- Westbrook, Connecticut United States

Information
- Type: Boarding
- Established: 1906
- Head of School: Phil Cocchiola
- Faculty: 23
- Enrollment: 45 total as of 2022-2023 Cap. 48
- Average class size: 1
- Student to teacher ratio: 2:1^{[citation needed]}
- Campus: Oxford Academy
- Color: Blue/white
- Mascot: The Charge
- Website: oxfordacademy.net

= Oxford Academy (Connecticut) =

The Oxford Academy, located in Westbrook, Connecticut, is an independent college preparatory boarding school.

== History ==
The school was founded in 1906 in Pleasantville, New Jersey, by psychologist Dr. Joseph M. Weidberg. Weidberg was concerned that students were not being well served in traditional educational settings and not thriving due to academic learning differences.
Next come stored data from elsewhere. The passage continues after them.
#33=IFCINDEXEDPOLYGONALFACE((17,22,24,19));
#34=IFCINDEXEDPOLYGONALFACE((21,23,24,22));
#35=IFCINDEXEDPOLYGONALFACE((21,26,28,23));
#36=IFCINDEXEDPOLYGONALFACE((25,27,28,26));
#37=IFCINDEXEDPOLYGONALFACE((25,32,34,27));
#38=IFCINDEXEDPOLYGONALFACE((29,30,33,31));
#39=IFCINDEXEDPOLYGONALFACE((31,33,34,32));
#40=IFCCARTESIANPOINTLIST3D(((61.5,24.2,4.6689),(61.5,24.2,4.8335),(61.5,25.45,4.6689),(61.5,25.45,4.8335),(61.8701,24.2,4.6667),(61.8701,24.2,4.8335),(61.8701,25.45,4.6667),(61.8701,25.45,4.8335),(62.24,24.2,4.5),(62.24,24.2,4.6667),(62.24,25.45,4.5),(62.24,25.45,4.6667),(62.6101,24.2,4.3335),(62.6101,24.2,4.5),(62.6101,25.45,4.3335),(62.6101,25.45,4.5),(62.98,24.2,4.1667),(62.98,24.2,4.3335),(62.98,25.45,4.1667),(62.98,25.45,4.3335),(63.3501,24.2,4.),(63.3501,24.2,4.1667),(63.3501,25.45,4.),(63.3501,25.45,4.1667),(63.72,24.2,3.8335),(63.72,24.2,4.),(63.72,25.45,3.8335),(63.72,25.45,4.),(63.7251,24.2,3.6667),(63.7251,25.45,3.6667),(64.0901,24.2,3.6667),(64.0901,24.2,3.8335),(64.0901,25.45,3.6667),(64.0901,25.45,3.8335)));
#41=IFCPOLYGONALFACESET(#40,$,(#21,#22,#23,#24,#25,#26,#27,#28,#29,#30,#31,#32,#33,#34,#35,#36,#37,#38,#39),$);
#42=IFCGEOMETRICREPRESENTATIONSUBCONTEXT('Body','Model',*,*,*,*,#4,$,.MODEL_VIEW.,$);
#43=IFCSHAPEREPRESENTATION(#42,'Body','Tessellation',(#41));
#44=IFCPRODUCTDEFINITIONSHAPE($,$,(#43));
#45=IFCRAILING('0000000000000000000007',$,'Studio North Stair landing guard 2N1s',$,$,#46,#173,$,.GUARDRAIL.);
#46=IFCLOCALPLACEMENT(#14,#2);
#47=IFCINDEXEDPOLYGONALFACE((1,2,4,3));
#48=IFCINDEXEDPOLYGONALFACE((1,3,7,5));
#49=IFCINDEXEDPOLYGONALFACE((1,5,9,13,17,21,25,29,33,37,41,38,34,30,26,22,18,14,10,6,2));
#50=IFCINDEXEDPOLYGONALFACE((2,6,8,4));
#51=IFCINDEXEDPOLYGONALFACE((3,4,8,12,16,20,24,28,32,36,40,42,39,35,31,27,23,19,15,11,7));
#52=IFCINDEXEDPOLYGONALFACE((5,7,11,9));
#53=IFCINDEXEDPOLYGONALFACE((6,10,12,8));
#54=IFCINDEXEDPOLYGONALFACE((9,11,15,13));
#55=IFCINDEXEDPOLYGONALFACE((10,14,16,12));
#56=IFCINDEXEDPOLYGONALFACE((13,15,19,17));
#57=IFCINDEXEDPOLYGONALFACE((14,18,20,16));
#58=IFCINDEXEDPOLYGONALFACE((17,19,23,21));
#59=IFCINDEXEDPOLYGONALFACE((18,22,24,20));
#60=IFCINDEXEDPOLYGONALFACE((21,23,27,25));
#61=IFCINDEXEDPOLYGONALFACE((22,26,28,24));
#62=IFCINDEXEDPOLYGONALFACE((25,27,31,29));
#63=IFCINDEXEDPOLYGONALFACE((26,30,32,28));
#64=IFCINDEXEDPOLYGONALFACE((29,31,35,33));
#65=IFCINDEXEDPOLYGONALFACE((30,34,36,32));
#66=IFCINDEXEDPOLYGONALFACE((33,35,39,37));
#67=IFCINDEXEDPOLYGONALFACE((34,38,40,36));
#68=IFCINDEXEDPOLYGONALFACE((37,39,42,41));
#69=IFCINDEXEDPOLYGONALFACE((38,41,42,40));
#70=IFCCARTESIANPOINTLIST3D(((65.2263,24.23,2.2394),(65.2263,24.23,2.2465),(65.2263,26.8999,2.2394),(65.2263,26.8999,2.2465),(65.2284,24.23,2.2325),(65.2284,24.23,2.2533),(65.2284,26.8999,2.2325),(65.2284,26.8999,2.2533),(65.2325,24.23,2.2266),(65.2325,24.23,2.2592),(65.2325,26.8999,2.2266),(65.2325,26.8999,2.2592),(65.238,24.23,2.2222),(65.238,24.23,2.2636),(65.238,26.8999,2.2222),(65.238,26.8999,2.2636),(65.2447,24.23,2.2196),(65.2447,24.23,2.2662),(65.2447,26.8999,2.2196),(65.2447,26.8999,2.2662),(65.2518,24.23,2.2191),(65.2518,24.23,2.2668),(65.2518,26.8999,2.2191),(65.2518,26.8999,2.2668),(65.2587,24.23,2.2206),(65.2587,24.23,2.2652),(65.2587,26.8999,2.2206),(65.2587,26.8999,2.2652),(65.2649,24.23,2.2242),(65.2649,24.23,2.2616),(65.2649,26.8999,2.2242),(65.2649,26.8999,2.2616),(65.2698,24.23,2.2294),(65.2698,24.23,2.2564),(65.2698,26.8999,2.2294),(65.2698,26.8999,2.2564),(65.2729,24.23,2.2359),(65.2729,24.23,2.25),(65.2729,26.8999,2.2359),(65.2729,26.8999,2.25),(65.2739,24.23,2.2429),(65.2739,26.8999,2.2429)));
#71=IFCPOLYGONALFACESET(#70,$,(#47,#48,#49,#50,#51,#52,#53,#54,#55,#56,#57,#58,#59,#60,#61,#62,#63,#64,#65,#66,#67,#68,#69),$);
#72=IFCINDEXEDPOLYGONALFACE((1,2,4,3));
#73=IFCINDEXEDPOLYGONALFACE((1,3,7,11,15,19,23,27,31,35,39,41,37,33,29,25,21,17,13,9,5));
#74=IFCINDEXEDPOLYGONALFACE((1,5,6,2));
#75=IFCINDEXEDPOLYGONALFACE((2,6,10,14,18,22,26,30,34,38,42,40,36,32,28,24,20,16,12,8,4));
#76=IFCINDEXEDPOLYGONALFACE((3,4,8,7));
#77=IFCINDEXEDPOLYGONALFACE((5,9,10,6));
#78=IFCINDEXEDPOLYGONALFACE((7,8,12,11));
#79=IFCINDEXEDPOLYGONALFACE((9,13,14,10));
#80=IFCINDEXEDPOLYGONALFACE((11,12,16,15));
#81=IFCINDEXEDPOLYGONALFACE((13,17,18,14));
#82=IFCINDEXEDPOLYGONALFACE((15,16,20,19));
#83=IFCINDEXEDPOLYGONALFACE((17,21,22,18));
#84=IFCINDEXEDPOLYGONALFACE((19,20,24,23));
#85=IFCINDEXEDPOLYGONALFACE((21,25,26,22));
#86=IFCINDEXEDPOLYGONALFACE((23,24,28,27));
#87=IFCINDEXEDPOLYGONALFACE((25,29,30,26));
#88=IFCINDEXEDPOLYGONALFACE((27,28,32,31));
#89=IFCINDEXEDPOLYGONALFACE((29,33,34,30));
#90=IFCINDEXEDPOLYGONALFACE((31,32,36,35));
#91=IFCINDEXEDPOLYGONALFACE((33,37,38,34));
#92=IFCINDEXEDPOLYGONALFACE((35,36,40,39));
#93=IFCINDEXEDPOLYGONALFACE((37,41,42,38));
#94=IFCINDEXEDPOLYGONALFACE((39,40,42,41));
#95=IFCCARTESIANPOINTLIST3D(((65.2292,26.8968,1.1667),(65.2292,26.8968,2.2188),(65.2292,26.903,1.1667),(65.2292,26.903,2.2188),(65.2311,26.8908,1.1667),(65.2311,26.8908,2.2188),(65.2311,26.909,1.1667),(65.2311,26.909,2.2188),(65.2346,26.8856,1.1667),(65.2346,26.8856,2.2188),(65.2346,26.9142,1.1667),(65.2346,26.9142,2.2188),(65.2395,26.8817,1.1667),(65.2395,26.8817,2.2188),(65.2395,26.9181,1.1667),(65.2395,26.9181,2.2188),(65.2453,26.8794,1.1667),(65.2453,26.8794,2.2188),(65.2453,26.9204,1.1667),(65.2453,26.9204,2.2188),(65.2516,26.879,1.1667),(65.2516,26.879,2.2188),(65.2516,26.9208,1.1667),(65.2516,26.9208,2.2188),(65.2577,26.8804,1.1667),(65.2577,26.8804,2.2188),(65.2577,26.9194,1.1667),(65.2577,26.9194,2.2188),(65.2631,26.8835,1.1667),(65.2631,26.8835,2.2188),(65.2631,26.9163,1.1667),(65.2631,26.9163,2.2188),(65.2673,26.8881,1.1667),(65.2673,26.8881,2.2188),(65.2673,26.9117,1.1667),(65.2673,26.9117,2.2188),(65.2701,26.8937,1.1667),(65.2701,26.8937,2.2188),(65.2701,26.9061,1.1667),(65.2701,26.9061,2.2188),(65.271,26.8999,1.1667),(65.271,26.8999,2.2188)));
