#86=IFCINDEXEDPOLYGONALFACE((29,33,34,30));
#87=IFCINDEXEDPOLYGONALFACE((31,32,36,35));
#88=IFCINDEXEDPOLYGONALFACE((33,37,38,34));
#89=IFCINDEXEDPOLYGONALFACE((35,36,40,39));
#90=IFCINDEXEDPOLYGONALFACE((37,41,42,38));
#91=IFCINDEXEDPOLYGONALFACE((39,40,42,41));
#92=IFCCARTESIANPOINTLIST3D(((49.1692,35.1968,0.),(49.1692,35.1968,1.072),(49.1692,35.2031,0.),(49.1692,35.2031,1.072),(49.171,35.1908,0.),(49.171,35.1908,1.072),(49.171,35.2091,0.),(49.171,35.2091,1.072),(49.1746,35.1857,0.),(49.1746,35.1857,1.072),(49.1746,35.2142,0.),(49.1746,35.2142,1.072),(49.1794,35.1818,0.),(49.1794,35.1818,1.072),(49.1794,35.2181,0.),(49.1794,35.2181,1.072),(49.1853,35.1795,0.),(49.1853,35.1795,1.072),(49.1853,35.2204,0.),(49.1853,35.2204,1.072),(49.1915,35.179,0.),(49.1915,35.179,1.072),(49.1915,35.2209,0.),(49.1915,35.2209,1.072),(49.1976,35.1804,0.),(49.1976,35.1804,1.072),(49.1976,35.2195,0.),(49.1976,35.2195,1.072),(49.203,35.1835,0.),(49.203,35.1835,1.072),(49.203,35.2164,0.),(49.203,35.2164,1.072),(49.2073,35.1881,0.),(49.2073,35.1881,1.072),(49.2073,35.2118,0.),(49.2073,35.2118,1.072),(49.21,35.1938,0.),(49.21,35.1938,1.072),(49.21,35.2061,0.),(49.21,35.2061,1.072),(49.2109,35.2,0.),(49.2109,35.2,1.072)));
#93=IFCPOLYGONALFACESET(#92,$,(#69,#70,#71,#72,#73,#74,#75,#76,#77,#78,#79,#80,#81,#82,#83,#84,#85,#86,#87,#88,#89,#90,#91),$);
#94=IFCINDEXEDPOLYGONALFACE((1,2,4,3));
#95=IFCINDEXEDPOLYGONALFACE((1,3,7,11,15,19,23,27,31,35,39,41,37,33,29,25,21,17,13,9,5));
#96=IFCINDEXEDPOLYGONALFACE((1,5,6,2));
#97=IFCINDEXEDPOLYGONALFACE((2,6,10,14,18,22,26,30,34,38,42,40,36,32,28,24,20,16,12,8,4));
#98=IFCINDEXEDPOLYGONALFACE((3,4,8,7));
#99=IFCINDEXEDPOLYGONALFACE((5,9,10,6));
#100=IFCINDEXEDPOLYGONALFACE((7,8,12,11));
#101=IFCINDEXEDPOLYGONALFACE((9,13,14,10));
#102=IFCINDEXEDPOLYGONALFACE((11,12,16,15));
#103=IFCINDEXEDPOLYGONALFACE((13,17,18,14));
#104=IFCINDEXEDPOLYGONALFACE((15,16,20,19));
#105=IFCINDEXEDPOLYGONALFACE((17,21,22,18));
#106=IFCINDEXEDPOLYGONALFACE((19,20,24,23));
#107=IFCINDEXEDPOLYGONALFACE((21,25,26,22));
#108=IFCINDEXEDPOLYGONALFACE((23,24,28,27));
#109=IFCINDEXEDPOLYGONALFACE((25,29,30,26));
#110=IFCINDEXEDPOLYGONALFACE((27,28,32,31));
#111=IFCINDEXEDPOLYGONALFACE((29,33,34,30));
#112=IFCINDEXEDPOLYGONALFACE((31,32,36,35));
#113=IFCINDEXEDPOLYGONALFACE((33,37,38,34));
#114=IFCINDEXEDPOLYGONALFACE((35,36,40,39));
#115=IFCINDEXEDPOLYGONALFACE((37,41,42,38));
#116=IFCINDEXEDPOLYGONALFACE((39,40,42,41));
In 1941, school enrollment was limited to a maximum of 15 students but has since grown to 40 students. In 1947 Dr. Edward R. Knight was selected to succeed Dr. Weidberg as Head of School followed by Frank Effinger in 1973, Dr. Jonathan A. Woodhall in 1975, and Philip H. Davis in 1983. In 2010, Philip B. Cocchiola was appointed Head of the School.

In 2024, a pupil of the school attacked another student with an axe.

==Faculty==

As of 2020, the faculty of Oxford consisted of 23 part-time members and three part time teachers. Most members of the staff live on campus.